September 22, 2018

downlink: scrape documents linked from a web page

For my work as a data editor I often have to download all of the files linked from a particular web page. That’s why I made downlink, a command-line utility and a Python library.

The basic product is the command line utility, called downlink. The secondary product is the library of classes used to build it. They are reasonably extensible, so you could build them into more powerful tools.

Quickstart

$ pip install downlink
$ mkdir output
$ downlink "https://www.ct.gov/doh/cwp/view.asp?a=4513&q=530462" output

I haven’t put in any error handling, so if things happen, like the web address you give it is invalid, or the output folder doesn’t exist for writing, then it’ll just crash. That’s on my TODO list.

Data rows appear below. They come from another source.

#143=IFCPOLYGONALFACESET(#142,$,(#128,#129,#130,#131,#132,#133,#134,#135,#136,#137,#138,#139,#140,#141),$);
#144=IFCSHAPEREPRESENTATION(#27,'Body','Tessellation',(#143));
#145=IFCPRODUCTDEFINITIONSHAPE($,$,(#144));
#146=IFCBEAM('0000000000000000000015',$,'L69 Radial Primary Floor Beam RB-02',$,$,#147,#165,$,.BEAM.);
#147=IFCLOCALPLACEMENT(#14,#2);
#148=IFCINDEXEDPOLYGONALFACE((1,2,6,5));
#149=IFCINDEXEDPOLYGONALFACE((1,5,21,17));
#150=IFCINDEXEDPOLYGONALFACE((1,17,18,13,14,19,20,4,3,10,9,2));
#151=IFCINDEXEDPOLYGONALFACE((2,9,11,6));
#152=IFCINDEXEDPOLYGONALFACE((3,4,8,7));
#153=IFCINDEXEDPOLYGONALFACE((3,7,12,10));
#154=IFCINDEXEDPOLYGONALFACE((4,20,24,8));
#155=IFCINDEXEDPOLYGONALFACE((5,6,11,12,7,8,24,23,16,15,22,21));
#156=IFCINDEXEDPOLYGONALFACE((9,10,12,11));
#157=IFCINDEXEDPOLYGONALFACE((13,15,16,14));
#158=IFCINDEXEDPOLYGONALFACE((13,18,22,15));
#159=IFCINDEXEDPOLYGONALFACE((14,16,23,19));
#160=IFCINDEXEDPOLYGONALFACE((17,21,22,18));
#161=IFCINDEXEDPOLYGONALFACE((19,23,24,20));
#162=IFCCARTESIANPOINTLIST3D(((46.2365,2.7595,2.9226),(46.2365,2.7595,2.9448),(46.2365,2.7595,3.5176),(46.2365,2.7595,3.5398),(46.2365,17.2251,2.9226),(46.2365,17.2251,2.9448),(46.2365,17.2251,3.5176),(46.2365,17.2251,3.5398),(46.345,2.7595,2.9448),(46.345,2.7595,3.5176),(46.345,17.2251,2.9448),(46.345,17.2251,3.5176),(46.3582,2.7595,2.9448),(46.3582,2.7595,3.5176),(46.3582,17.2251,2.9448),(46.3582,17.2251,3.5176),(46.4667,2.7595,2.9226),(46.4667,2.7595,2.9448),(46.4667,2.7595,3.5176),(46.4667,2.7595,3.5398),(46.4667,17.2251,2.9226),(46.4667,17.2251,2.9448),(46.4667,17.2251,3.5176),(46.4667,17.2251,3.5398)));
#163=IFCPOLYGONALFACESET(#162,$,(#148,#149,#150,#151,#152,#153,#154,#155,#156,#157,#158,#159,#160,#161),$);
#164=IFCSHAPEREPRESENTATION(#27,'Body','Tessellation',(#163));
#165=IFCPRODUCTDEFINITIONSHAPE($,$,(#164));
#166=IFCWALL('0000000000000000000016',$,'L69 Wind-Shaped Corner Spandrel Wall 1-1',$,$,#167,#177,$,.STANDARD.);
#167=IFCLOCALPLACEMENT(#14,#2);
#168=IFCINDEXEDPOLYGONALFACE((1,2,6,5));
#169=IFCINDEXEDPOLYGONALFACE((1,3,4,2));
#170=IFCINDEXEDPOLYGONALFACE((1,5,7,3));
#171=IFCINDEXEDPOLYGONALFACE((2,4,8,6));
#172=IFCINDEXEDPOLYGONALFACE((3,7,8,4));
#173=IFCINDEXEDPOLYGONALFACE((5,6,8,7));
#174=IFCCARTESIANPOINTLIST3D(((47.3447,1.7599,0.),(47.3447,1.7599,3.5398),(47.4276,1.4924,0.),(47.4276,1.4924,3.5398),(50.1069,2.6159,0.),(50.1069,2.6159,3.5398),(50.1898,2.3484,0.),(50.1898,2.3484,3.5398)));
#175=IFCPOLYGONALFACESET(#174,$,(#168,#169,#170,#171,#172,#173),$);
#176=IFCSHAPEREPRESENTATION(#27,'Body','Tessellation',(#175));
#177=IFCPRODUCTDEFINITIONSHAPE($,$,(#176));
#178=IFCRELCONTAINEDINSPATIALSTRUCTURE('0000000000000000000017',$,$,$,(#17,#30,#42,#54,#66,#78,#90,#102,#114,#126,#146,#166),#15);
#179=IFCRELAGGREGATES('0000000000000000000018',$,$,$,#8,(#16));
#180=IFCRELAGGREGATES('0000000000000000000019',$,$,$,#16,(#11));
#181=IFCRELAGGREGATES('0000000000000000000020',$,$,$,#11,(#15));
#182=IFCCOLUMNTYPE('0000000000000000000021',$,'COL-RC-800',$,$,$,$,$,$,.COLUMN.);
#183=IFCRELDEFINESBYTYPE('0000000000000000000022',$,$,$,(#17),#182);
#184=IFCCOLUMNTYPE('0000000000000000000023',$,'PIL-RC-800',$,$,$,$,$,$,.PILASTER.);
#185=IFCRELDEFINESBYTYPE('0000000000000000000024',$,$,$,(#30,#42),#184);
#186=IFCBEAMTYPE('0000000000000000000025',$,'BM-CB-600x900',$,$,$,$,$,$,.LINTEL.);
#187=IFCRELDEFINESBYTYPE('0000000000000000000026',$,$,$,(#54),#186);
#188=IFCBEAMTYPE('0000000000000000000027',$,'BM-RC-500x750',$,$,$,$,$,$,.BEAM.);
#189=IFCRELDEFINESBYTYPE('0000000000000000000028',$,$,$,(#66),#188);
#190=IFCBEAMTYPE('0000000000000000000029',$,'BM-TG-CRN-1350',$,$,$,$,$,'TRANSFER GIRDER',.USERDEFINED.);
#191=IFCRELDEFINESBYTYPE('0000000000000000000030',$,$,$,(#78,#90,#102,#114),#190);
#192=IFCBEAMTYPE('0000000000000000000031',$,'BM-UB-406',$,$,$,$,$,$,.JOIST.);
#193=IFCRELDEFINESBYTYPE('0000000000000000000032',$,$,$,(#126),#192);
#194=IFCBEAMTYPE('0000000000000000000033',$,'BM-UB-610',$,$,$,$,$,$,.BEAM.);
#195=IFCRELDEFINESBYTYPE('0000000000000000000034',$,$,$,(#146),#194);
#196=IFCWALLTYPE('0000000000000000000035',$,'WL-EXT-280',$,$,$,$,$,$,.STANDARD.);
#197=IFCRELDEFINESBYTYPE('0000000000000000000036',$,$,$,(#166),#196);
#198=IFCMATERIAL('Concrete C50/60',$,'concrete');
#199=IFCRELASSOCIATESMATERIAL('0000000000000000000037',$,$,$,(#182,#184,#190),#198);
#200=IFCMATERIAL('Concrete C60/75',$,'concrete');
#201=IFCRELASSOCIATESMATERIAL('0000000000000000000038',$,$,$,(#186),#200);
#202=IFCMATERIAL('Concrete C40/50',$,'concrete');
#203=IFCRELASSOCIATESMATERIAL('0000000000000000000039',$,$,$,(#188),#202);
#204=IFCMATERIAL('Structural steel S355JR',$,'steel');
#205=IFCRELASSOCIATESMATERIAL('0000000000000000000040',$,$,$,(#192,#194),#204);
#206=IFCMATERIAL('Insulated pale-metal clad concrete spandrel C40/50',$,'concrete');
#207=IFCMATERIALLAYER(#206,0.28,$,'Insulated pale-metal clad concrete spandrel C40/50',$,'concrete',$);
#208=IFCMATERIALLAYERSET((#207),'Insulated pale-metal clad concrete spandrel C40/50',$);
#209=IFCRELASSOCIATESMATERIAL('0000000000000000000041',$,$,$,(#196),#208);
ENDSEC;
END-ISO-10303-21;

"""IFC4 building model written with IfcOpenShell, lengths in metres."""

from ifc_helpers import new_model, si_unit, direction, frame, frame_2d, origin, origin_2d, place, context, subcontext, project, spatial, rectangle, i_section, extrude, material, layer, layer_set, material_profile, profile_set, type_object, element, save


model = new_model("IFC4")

Here’s the output from downlink –help

  usage: downlink [-h] [--ext EXT] url dst

  Download all the links of a given file extension from a web page.

  positional arguments:
url         A valid URL to download links from
dst         A path to a directory in which to save the files

  optional arguments:
-h, --help  show this help message and exit
--ext EXT   the file extension/type of file to download

Abstraction outline

Referring to the GitHub repo above, the two “library” files in the repo are linkscraper.py and document_linkscraper.py, which contain the classes LinkScraper and DocumentLinkScraper respectively.

The idea with this abstraction is that LinkScraper fetches and HTML document and pulls out all of the links (the a tags). It has a filter_links method, but the default is to leave them all in.

The DocumentLinkScraper subclasses LinkScraper and overrides the filter_links method to only return True if it is a link to a document of a given file extension (specified when instantiating the object).

This abstraction could be useful if you want to do something else with other types of links, perhaps links that contain onclick attributes.

One thing that bugs me about this design is that LinkScraper fetches remote HTML. I feel like that functionality belongs in a different object, but I did not want to over-engineer this.